The big problem, apart from "memcpy is a bit tedious to write", is that it is impossible to guarantee absence of UB in a large program. You will get inlined functions from random headers and suddenly someone somewhere is "dereferencing" a pointer by storing it as a reference, and then your null pointer checks are deleted. Or an integer overflows and your "i>=0" array bounds assert is deleted. I have seen that happen several times and each time the various bits of code all look innocent enough until you sit down and thoroughly read each function and the functions it calls and the functions they call. So we compile with the worst UB turned off (null is a valid address, integers can overflow, pointers can alias, enums can store any integer) and honestly, we cannot see a measurable difference in performance.
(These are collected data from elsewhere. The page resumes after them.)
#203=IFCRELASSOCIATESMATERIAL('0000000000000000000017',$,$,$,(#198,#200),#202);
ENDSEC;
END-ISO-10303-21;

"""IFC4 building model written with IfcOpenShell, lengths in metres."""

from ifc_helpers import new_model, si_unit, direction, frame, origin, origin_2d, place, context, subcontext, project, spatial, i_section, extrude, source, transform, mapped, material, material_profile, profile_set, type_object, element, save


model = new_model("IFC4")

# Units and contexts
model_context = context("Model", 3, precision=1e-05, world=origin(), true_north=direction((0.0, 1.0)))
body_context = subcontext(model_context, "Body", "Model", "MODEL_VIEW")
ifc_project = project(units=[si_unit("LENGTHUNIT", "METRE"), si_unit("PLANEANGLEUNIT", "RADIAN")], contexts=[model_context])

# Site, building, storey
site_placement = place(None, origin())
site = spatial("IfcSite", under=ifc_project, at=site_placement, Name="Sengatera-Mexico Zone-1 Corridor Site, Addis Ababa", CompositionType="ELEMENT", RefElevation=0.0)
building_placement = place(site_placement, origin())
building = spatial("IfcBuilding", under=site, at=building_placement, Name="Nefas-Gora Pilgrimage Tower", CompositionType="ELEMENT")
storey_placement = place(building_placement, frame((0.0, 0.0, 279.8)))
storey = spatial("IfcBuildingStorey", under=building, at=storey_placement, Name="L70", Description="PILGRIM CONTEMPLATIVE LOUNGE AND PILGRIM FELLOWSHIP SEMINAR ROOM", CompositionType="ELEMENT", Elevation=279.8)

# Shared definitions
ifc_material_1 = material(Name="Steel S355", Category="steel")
UB as it is currently implemented is simply an enormous footgun. It would be a lot more useful if there were a profiler that could find parts of the code, which would benefit from UB optimisations. Then we could focus on making those parts UB-safe, add asserts for the debug/testing builds, and turn on more optimisations for them. I am quite certain nobody can write a fully UB-free program. For example, did you know that multiplying two "unsigned short" variables is UB? Can you guarantee that across all the template instantiations for custom vector types you've written you never multiply unsigned shorts? I'll leave it as an exercise to the reader as to why that is.

2 comments

dzaima 532 days ago

Strict aliasing in particular is very dependent on coding style; I too just turn it off with essentially no harm, but certain styles of code that don't involve carefully manually CSEing everything might benefit a good bit (though with it being purely type-based imo it's not that useful).

Outside of freestanding/kernel scenarios, null treatment shouldn't affect anything, and again can similarly benefit probably a decent amount of code by removing what is unquestionably just dead code. There's the question of pointer addition resulting in/having an argument of null being UB, which is rather bad for offsetof shenanigans or misusing pointers as arbitrary data, but that's a question of provenance, not anything about null.

Global integer overflow UB is probably the most questionable thing in that list, and I'd quite prefer having separate wrap-on-overflow and UB-on-overflow types (allowing having unsigned UB-on-overflow too). That said, even having had multiple cases of code that could hit integer overflow and thus UB, I don't recall any of them actually resulting in the compiler breaking things (granted, I know not to write a+1<a & similar for signed ints), whereas I have had a case where the compiler "fixed" the code, turning a `a-b < 0` into the more correct (at least in the scenario in question) `a<b`!

I do think that it would make sense to have an easy uniform way to choose some specific behavior for most kinds of UB.

link

imtringued 533 days ago

There is no point in talking with the people that worship UB for the sake of UB.

They don't understand that one of the biggest barriers to developers writing and adopting more C in their projects is the random jankiness that you get from the compilers. Instead they make C this elite thing for the few people who have read every single line of C code they themselves compiled and ran on their Gentoo installation. Stuff like having no bounds checks is almost entirely irrelevant outside of compute kernels. It doesn't get you much performance, because the branches are perfectly predictable. It merely reduces code size.

There is also the problem that the C development culture is uttlery backwards compared even to the semiconductor industry. If you want to have these ultra optimized release builds, then your development builds must scream when they encounter UB and it also means that no C program or library without an extensive test suite should be allowed onto any Linux distribution's package repository. Suddenly the cost of C programming appears to be unaffordably high.

link

ncruces 532 days ago

> Stuff like having no bounds checks is almost entirely irrelevant outside of compute kernels. It doesn't get you much performance, because the branches are perfectly predictable. It merely reduces code size.

This is just not true, or languages with bounds checks wouldn't invest so much in bounds checks elimination (both automatically, in the compiler, and by programmers, leaving hints to the compiler so it can remove bounds checks).

link